I Spent a Year Climbing the Guatemalan Mountains
I may have gotten home bloody sometimes, whipped by geology – but I'd always be eager for more.
Photo: Cameron Smith
All humans are climbers; we were built for it. To grapple up trees and rocks is a natural instinct inherited from our anthropoid ancestors. I’ve loved to climb for as long as I can remember: as a small kid, I spent a significant portion of my life hanging from monkey bars. As I got older the desire didn’t go away; climbing up buildings became a hobby of mine. I would go skating for hours and then try to sneak up a tall building in the city.
There were no mountains to climb in Sydney, where I grew up, but I always knew that one day I would be able to climb for real. Fast forward to that moment in Xela, Guatemala, where I felt like a new level in the game of my life had been unlocked.
“All humans are climbers; we are built for it. To grapple up trees and rocks is a natural instinct.”
Xela is the unofficial name for Quetzaltenango, the second-largest city in Guatemala. Xela lies in a valley about 8,000 feet above sea level, and ruling over it all is the active volcano Santa Maria, a picture-perfect cinder cone about two miles from town. Santiaguito, its pockmarked twin, bubbles away at its neck, steadily erupting about once every hour.
Xela practically turns into a ghost town at night, as people stay indoors to avoid the streets. You can pay a small sum to others for Guatemalan residence, no questions asked. It’s a place where one can go and truly be anonymous. It is also a place that has been ravaged by a crippling level of poverty.
“Being in the mountains isn’t about sport; it’s a place to think, to find oneself, to be in nature and to breathe real fucking air.”

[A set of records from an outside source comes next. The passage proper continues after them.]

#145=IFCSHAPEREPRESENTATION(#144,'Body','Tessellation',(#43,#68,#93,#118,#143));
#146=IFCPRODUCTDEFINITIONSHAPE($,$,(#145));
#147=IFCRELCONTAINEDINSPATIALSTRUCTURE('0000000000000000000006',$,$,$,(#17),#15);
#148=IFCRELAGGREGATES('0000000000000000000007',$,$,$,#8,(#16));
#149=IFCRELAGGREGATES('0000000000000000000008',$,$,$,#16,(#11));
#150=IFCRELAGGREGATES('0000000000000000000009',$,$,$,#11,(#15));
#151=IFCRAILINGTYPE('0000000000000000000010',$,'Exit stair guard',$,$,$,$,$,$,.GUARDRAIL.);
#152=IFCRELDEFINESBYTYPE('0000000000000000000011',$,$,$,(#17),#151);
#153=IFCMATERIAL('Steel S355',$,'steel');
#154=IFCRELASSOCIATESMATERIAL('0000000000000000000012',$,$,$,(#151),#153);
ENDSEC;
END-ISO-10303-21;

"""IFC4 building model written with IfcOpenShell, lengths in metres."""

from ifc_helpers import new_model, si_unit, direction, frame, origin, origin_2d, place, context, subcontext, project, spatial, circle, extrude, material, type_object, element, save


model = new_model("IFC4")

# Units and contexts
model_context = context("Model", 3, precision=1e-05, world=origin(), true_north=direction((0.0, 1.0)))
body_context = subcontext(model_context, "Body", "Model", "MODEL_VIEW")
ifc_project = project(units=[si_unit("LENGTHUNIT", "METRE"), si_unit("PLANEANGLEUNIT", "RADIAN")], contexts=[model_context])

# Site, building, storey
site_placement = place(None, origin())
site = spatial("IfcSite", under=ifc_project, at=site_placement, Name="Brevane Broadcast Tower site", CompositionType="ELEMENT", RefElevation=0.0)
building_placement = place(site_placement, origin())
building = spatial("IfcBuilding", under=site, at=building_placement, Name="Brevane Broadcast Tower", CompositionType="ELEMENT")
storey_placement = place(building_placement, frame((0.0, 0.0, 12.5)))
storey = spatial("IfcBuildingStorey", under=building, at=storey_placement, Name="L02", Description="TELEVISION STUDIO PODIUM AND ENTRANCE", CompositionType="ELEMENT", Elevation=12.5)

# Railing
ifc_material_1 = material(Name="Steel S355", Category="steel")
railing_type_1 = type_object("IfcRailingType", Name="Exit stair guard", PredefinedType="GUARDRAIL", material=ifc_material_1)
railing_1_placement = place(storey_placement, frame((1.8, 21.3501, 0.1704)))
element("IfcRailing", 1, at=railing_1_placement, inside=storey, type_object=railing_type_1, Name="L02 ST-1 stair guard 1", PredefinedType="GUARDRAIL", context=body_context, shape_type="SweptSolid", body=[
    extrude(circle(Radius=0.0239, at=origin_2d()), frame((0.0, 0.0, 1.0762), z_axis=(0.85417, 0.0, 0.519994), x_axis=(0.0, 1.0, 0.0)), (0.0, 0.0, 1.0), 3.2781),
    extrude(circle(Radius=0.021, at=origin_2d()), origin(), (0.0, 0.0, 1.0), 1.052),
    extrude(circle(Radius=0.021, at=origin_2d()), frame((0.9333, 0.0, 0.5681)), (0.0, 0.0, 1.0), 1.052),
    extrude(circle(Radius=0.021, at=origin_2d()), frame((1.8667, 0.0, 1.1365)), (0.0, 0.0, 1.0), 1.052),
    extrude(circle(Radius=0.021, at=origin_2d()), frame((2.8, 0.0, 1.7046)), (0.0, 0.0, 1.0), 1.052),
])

Xela is Guatemala’s climbing capital. Here, the Xela climbing gang is a tight-knit congregation of locals and extranjeros (foreigners) – boys and girls that practice at the gymnasium on weeknights and are led outdoors on Sundays by their earthly founding father, Miguel Arango. Miguel started climbing in the 1960S, a time when rock climbing was new even in places like Yosemite.
With homemade wooden pegs and scraps of metal tied into the rock, he used surplus nylon rope to climb the first routes at Cerro Quemado, a sacred site where religious locals place flowers in rocky crags, but for climbers the area’s peaks and steep canyons are some of Central America’s best challenges.
“With homemade wooden pegs and scraps of metal tied into the rock, Miguel used surplus nylon rope to climb the first routes at Cerro Quemado.”
Miguel was an escalade addict long before climbing gyms and the X Games. As climbing technology developed he implemented new technologies, and we have him to thank for almost all of the bolts now installed in the mountain rock, which allows for the use of protective Karabiners and safe climbing. He was suspended by rope for two hours to hammer a hand drill to make each hole in the basalt to hold the bolts.
Miguel still climbs and sets new routes, but time has been hard on the bolts here, and there are many climbing routes that have ones in need of restoration – other routes have no bolts at all. The local climbers have been raising funds to fix up old routes and create new ones for all to enjoy. We also organised a clean-up day for La Muela, one of the climbing spots, which has been buried in almost as much toxic trash as in volcanic ash.
There are Mayan pilgrims at the base of this mountain face, there are pilgrims at the top, and, unbelievably, there are pilgrims inside the vertical mountain face – their sobs spill from the lightning bolt cracks that split the rock.
I’m a pilgrim here too – albeit of a different sort. I make the short trip from my house in Xela as many times during the week as I can find a partner to join me in my vertical mission. Quite often it’s Kat, my girlfriend. We come home bloody sometimes, whipped by geology – but always eager for more.